Brouwer Rhapsodies Naxos 8.559933

Rhapsodies
Margaret Brouwer (b. 1940)
The Art of Sailing at Dawn (2220)
Rhapsody, Concerto for Orchestra (2009 rev. 2021)
Symphony No 1, “Lake Voices” (1997)
Path at Sunrise, Masses of Flowers (2010)
Pluto (1997 version for orchestra)
Vienna Radio Symphony Orchestra/Marin Alsop
rec. 2023, Vienna, Austria
first recordings
Naxos 8.559933 [60]

This is the fourth CD in Naxos’ American Classics series devoted to the music of Margaret Brouwer. Like the others in the series, it shows her to be a versatile and eclectic composer writing in an accessible modern idiom. Her ear seems to be coloured by her years as an orchestral violinist and studies with Donald Erb and George Crumb, composers noted for their vivid approach to orchestration. The works on this disc were written over a period of twenty-five years and so give the listener a good introduction to Dr Brouwer’s style and interests.

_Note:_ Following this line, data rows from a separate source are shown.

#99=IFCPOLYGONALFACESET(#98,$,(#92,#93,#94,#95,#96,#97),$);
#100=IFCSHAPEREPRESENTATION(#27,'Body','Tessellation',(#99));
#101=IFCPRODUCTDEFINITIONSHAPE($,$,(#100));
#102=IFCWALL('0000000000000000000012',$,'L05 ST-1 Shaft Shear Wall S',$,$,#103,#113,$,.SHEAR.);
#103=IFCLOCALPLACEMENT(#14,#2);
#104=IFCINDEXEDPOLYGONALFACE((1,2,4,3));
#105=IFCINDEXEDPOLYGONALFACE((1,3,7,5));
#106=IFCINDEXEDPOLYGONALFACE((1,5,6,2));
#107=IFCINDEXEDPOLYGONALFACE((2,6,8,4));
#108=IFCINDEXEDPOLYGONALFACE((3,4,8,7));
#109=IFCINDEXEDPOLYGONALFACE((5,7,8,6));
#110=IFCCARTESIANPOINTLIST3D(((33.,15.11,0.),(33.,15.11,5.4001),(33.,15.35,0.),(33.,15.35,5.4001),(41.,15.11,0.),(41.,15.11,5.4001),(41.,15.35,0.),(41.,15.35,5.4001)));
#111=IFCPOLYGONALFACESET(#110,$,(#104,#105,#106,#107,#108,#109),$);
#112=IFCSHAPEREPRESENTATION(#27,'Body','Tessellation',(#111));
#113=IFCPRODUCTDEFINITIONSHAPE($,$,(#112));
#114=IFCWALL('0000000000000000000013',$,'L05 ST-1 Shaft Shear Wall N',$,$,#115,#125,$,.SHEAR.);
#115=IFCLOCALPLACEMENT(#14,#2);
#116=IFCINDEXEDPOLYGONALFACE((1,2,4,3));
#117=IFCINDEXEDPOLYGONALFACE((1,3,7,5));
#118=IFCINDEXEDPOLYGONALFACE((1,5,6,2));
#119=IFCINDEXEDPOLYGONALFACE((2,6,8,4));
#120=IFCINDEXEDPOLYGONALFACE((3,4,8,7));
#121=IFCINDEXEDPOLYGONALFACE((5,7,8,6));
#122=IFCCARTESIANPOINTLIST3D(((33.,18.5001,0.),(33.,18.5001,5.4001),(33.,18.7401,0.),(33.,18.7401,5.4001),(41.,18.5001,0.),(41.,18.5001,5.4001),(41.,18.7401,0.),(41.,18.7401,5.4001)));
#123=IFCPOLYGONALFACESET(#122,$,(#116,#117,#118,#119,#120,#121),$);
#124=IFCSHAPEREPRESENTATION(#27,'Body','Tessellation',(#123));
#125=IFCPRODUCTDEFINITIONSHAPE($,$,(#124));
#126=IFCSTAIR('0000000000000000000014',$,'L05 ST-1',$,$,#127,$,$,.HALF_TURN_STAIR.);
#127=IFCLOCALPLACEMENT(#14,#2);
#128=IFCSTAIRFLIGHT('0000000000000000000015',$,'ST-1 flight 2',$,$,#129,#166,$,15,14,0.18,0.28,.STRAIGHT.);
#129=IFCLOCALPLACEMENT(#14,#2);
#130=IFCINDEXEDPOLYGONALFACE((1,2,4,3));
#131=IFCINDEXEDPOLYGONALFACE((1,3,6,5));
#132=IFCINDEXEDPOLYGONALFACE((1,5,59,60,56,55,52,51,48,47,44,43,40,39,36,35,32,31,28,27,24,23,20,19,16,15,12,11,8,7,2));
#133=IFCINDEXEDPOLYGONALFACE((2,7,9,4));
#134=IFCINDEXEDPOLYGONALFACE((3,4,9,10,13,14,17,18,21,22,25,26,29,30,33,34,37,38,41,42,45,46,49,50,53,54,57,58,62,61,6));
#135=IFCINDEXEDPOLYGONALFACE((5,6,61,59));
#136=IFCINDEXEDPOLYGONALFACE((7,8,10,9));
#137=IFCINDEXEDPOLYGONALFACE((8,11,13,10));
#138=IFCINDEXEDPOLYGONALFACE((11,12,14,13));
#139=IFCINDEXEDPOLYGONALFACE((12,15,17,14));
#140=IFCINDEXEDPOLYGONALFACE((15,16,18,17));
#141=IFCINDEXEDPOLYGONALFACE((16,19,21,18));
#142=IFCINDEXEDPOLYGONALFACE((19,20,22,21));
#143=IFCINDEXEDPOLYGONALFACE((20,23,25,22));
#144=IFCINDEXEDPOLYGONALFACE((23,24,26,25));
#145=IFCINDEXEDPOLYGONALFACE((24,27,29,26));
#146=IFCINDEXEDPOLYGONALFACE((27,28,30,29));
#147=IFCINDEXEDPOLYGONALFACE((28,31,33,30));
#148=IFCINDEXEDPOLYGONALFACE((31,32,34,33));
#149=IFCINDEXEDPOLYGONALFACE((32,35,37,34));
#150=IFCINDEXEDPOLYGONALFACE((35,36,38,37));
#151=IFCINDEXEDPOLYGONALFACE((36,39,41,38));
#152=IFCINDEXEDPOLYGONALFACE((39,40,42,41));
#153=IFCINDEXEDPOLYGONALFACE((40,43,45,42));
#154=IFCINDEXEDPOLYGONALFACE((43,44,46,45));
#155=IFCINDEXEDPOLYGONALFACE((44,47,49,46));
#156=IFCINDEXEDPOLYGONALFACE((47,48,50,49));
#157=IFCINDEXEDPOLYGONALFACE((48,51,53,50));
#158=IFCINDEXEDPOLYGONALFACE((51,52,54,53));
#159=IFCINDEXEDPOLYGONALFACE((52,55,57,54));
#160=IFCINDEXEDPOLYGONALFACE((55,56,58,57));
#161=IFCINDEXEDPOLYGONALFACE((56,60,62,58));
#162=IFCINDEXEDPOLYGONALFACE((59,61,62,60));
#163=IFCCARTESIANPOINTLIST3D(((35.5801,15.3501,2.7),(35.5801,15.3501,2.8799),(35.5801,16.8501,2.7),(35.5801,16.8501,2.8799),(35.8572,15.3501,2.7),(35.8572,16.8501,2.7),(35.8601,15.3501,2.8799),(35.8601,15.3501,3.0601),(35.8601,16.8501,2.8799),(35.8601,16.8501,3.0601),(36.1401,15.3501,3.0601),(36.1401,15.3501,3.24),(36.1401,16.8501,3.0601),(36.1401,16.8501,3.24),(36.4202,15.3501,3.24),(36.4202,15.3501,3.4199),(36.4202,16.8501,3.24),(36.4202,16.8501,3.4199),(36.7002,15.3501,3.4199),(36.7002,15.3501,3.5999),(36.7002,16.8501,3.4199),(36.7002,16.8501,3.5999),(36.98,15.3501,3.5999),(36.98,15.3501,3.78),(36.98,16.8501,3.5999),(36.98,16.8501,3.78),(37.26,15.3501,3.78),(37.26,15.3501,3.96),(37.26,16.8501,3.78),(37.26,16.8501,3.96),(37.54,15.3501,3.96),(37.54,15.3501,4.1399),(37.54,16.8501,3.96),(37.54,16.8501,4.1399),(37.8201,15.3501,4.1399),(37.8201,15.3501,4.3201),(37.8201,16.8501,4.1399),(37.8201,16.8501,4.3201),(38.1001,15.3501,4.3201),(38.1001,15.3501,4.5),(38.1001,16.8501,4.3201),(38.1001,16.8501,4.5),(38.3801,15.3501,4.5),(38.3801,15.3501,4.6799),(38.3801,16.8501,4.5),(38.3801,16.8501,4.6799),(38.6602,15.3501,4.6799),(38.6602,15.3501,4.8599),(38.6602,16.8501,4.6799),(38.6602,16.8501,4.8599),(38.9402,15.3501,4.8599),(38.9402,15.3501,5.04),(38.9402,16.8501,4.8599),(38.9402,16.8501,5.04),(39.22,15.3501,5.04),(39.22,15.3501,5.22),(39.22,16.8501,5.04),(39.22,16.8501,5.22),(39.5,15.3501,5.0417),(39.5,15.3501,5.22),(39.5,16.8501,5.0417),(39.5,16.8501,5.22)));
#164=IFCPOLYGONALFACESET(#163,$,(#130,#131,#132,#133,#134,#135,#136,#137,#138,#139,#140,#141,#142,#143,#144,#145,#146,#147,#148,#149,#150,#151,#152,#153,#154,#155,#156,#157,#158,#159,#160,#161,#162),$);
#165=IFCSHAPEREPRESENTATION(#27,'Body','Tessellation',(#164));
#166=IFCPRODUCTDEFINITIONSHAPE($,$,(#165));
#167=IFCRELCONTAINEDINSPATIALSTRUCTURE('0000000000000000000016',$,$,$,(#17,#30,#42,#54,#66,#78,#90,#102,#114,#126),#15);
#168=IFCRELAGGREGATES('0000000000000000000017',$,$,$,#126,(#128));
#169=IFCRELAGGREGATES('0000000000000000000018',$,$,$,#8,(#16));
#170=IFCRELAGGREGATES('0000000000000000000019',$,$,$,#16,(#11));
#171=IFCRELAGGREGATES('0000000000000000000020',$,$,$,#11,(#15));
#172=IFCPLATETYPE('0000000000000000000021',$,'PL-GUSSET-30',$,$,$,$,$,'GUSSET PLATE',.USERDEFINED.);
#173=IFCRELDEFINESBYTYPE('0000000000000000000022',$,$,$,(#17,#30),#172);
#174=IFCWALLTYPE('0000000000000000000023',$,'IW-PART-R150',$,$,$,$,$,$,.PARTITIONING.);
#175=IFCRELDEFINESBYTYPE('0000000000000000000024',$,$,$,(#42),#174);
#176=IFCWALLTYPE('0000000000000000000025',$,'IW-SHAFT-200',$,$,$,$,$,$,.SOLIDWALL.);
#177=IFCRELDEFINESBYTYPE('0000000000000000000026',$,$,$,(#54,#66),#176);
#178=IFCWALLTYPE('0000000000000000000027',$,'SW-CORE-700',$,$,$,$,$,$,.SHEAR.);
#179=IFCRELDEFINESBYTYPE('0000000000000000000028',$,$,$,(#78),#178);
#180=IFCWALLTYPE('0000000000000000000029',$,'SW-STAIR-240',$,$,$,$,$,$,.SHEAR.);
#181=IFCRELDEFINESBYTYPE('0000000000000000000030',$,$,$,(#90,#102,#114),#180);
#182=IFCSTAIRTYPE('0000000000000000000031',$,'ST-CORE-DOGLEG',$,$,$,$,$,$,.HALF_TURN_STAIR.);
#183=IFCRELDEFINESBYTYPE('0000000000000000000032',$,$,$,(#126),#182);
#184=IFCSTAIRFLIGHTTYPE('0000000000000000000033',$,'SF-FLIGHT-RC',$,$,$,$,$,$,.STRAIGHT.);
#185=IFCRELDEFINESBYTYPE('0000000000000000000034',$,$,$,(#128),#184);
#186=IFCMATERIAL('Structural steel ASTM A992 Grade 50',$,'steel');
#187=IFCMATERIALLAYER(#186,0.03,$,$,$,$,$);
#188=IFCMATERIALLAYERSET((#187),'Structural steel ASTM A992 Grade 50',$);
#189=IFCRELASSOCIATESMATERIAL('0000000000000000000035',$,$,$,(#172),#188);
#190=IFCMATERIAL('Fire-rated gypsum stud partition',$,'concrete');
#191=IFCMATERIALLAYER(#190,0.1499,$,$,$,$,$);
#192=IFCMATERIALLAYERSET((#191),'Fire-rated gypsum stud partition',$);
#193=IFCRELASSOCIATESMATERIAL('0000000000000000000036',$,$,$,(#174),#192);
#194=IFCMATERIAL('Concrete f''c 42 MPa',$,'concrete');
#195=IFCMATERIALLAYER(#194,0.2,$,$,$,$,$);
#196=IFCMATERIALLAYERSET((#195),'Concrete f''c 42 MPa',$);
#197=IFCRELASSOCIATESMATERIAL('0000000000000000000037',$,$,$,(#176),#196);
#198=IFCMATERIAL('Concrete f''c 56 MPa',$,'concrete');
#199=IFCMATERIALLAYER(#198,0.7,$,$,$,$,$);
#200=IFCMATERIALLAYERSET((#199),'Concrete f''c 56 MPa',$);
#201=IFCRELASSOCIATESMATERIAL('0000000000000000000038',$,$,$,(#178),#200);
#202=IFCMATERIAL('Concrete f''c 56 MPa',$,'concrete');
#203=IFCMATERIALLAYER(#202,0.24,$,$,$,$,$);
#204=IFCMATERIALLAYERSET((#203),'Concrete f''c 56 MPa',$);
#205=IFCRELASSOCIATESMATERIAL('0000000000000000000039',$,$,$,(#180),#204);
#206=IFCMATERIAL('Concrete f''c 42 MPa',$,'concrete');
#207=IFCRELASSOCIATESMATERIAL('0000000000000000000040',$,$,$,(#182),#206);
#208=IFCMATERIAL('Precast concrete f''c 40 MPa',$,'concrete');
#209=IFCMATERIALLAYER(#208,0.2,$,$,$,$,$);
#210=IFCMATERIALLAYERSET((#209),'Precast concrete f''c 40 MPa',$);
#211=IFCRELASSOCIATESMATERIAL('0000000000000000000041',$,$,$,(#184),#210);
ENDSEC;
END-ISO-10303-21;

The first work, a tone poem The Art of Sailing at Dawn, is also the most recent. It begins quietly with a hushed, almost Sibelian atmosphere, with violin glissandi imitating bird calls. The chamber orchestra is used immaculately, and one could be forgiven in thinking it was written for a larger group. Rocking figures imitate waves and various solos and one can almost feel the spray splashing against us. Hugely effective sound painting that is beautifully shaped by the conductor. My one criticism, and it may have been intentional, is that there is not a long enough gap between the quiet ending of the work and the quiet opening of the next.

The Rhapsody, Concerto for Orchestra, was written for Leonard Slatkin and the Detroit Symphony Orchestra but unhappy with the original first movement she rewrote it in 2021 which is what we have here. Regrets, Air and Rhapsodies and Dance, give the players a chance to display their abilities as an ensemble and soloists but as the word rhapsody implies there is nothing showy or unnecessarily virtuosic. The first movement has a touch of Mahler about it, tender, yet tinged with regret, the gossamer light orchestration lush in its simplicity. Air and Rhapsodies opens up the sound world with more percussion and bell like sounds. The brass play some elegant, grounded chorales while the woodwind show us the sky. In Dance, I was reminded of Peggy Glanville Hicks’ Sinfonia Pacifica with its quirky orchestration, percussion instrument ostinati to the fore emphasising the dance like rhythms.

Symphony No 1 subtitled Lake Voices was completed in 1997 is an impressive cogently expressed one movement work, with three sections, of about eighteen minutes. Dr Brouwer says she now sees it as a commentary on her own past, growing up in Dutch influenced society near the Great Lakes. It is a serious sounding work much like that other great one movement American symphony Samuel Barber’s first. The second section is rooted in Brouwer’s cultural background, with the melodic material based upon what she describes as a “Dutch hymn-like melody”. The whole work is rich in incident that builds in an inevitable way to the radiant finale, with brass writing reminiscent of Janacek’s Sinfonietta.

The tensions are relived a little in the next track Path at Sunrise, Masses of Flowers. I say ‘a little’ because there seems to be a sense of unease in the music, as though all is not right with the world. Is there something lurking in the grass? It is in any event a tightly constructed six-minute tone poem that utilises, to maximum effect, her orchestral palette of tone colours.

The disc ends with Pluto, which the composer tells us was written for the Roanoke Symphony Orchestra to follow straight on from Neptune at a performance of Holst’s The Planets. That version utilised the female chorus, but this version is purely orchestral. For me that was as misguided an idea as was Colin Mathew’s Pluto written for Kent Nagano in 2000. Now that Pluto is no longer classified as a planet, I hope conductors will leave Holst’s masterpiece alone. That said, this work is a brilliant showcase for a symphony orchestra and could easily fit in an orchestral programme in its own right. There is much to do for the percussion players early on, it being violent and full of tension. Then, halfway through, the music becomes gentler and more mysterious. Is this Pluto with Persephone? The aggressive music returns, and the work ends with a violent thwack.

Marin Alsop shows once again that she is unbeatable in this type of repertoire, and she draws some stunning playing from the Austrian players who cannot have been familiar with the music. Naxos’ American Classics Series has been invaluable in bringing lesser-known music to the fore and this is a very welcome addition to the catalogue.